# Emt-tactical



## MackTheKnife (Nov 27, 2010)

What is the origin of EMT-T?  I have seen this title used a lot recently.  Is it accepted by NREMT as a legitimate qualification? Thanks in advance for the info.

MTK sends


----------



## Akulahawk (Nov 27, 2010)

Likely comes from having a way to differentiate a regular EMS person from someone who works with some sort of a tactical response team in Law Enforcement.


----------



## EMT11KDL (Nov 27, 2010)

I have never seen it as emt-t, also tems...


----------



## JJR512 (Nov 27, 2010)

MackTheKnife said:


> What is the origin of EMT-T?  I have seen this title used a lot recently.  Is it accepted by NREMT as a legitimate qualification? Thanks in advance for the info.
> 
> MTK sends



According to the NREMT website (http://www.nremt.org/) they recognize First Responder, EMT-Basic, Intermediate/85, Intermediate/99, and Paramedic.


----------



## Akulahawk (Nov 27, 2010)

The EMT-T designation would likely be a locally recognized deal.
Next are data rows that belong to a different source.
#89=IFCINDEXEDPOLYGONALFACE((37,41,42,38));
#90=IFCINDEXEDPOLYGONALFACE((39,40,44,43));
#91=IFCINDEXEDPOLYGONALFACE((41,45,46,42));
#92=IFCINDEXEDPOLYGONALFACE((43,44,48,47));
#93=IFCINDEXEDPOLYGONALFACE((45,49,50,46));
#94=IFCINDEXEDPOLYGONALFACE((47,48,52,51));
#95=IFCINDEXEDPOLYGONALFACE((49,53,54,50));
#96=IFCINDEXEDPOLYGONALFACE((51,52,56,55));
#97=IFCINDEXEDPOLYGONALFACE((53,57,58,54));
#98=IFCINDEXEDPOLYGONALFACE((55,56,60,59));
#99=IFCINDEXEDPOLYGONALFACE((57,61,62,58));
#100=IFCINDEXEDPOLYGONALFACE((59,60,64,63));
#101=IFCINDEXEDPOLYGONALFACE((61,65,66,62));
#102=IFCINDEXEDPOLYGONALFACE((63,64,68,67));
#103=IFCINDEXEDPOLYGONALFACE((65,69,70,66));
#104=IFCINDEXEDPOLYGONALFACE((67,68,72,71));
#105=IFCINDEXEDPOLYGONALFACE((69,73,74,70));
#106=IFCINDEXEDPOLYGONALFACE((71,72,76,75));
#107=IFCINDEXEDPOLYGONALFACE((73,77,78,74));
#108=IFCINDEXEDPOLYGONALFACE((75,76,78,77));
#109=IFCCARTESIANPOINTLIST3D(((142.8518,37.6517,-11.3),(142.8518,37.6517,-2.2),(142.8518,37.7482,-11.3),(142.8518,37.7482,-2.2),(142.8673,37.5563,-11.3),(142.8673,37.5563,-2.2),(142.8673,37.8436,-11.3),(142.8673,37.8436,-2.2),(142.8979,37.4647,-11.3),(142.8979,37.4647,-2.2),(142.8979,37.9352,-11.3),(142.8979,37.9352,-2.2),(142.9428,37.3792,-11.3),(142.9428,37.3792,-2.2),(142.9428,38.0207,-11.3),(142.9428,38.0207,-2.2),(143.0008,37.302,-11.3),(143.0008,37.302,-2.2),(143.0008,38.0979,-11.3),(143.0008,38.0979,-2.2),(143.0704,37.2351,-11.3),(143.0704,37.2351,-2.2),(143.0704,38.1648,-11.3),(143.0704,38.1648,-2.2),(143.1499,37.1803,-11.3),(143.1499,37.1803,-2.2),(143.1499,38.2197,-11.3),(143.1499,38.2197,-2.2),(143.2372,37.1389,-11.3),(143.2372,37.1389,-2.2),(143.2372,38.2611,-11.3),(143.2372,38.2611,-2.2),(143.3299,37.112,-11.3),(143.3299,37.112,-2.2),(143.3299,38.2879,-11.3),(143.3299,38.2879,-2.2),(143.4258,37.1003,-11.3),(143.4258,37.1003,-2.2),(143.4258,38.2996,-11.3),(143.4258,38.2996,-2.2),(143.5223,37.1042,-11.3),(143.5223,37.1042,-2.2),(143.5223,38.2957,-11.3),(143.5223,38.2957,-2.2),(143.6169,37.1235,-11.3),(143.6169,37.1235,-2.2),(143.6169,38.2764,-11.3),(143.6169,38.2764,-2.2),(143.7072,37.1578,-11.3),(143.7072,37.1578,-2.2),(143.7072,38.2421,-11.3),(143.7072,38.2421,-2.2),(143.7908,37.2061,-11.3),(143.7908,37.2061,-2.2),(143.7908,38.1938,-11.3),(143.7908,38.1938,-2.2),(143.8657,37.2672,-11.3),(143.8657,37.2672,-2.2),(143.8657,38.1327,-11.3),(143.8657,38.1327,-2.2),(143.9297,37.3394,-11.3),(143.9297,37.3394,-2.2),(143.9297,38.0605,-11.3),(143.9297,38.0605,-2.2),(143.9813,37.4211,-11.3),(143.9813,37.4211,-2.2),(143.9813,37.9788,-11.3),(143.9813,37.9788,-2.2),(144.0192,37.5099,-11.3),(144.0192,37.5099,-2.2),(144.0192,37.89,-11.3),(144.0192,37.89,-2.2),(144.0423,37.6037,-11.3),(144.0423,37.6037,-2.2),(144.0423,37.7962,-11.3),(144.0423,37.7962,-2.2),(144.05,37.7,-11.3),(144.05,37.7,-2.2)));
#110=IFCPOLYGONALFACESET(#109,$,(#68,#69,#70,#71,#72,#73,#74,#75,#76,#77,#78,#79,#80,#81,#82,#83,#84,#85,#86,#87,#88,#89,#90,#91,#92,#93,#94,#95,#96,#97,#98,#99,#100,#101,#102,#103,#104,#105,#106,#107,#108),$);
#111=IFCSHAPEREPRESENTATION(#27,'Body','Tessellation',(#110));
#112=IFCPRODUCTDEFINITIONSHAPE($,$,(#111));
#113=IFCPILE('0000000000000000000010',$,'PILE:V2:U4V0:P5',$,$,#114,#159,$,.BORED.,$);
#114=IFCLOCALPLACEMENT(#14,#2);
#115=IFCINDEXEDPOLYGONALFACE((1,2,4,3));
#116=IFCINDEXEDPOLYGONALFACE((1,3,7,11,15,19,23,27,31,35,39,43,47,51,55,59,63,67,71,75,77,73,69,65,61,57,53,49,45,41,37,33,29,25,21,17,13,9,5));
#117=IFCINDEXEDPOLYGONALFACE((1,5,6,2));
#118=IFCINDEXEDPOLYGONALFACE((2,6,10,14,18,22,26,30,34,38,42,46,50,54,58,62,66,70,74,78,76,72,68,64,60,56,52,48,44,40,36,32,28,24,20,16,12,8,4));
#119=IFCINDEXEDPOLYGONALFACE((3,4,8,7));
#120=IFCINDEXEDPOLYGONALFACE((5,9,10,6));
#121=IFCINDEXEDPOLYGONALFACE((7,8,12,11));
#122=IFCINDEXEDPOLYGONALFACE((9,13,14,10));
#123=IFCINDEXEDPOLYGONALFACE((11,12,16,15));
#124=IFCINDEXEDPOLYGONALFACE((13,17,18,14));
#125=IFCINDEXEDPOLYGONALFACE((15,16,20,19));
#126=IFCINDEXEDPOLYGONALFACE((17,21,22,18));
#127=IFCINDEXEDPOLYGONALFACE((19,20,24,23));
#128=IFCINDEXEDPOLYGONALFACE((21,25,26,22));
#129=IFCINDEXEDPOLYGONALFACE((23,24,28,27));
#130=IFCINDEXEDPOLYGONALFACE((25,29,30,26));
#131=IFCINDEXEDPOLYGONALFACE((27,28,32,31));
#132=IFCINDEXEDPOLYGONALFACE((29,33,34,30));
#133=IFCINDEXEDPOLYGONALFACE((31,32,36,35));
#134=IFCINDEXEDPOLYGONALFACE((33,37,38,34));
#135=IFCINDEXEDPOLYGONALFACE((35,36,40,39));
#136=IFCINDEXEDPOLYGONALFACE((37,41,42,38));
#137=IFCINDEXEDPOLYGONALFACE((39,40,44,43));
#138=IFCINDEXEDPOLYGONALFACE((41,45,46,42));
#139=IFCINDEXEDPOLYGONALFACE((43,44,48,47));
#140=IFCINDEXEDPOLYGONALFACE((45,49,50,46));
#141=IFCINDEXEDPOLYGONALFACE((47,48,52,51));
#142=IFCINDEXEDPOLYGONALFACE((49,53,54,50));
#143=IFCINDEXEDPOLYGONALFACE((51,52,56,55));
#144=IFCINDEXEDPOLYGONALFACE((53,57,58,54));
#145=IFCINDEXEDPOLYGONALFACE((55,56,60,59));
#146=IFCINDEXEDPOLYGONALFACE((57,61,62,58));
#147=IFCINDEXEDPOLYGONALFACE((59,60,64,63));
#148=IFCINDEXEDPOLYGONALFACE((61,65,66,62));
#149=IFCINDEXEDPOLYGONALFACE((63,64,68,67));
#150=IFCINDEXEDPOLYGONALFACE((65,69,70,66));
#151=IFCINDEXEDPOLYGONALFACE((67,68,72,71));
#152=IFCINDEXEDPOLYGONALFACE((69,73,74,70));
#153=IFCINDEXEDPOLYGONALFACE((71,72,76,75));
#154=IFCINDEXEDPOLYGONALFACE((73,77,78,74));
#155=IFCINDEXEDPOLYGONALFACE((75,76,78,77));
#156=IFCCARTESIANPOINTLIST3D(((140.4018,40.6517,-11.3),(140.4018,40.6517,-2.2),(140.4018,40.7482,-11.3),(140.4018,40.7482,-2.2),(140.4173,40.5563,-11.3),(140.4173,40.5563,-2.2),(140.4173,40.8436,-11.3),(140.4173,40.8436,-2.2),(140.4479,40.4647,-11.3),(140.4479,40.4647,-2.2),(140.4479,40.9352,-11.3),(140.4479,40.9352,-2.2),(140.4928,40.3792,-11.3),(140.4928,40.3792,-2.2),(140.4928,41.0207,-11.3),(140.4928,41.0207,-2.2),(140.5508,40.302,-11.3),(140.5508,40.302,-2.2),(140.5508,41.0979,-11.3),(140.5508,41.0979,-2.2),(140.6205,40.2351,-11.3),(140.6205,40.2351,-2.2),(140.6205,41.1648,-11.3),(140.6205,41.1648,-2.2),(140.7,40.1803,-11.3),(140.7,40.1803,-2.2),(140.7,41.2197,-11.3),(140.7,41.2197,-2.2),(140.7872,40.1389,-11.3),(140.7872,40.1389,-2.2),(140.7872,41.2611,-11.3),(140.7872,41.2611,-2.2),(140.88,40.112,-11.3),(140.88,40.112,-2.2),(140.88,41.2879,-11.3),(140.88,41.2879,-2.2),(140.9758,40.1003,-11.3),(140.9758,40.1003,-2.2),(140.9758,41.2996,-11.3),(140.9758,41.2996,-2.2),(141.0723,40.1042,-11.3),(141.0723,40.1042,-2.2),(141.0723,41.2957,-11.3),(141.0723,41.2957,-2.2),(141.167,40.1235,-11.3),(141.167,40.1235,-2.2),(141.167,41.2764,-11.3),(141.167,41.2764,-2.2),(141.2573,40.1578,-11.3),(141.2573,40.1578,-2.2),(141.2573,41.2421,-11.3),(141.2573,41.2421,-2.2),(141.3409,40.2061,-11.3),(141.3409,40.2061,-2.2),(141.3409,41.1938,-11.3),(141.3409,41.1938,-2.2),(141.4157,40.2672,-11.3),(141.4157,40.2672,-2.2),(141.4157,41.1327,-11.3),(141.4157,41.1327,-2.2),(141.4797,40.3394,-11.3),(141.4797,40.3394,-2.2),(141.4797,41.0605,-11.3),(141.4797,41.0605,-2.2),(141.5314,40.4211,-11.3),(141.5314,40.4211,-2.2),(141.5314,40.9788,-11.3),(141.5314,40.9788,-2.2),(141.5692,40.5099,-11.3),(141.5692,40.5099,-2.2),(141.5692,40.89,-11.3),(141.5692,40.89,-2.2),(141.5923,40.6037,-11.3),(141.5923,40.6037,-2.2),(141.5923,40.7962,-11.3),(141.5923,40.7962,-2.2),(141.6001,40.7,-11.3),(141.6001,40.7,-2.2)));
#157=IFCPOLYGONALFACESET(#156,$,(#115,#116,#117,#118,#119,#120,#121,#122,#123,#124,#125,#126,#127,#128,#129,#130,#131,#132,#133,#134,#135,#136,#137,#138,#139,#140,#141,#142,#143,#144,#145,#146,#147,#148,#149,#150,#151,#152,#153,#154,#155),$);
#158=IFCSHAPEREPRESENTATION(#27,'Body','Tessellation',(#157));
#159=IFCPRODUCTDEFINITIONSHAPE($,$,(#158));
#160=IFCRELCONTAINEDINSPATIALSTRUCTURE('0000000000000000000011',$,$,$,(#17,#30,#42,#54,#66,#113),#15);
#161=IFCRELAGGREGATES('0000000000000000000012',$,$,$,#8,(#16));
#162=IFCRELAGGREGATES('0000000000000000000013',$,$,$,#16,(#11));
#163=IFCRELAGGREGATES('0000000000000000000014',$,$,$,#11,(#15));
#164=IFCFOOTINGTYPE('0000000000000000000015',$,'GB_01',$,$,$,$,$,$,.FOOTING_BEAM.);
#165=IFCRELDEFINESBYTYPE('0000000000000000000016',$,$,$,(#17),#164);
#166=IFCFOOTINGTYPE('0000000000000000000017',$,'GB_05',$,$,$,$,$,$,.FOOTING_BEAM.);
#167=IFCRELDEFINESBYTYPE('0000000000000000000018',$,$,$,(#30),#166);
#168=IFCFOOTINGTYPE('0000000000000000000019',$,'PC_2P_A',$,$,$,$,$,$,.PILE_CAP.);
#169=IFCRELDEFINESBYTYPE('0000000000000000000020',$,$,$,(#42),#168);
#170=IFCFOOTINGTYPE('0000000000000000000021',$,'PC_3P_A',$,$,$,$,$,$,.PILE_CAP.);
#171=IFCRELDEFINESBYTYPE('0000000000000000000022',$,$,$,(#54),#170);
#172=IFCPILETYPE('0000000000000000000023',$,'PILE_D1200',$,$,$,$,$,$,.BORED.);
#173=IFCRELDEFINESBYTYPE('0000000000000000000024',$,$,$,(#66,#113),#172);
Certainly not a nationally recognized level of EMT. If one were to specifically develop a separate training program for Tactical EMS, which would encompass the basic stuff that a medical provider would need to work as part of a special response/high risk team, TEMT-whatever would be how I'd do the designations for EMT's. For Paramedics (not designated EMT-P) I'd do "Paramedic - T" instead. For California, that would include putting the provider through PC 832 and then through a POST approved TEMS course. They wouldn't have to be sworn LE, but they'd have to be able to function with some law enforcement powers, not necessarily INDEPENDENT authority. 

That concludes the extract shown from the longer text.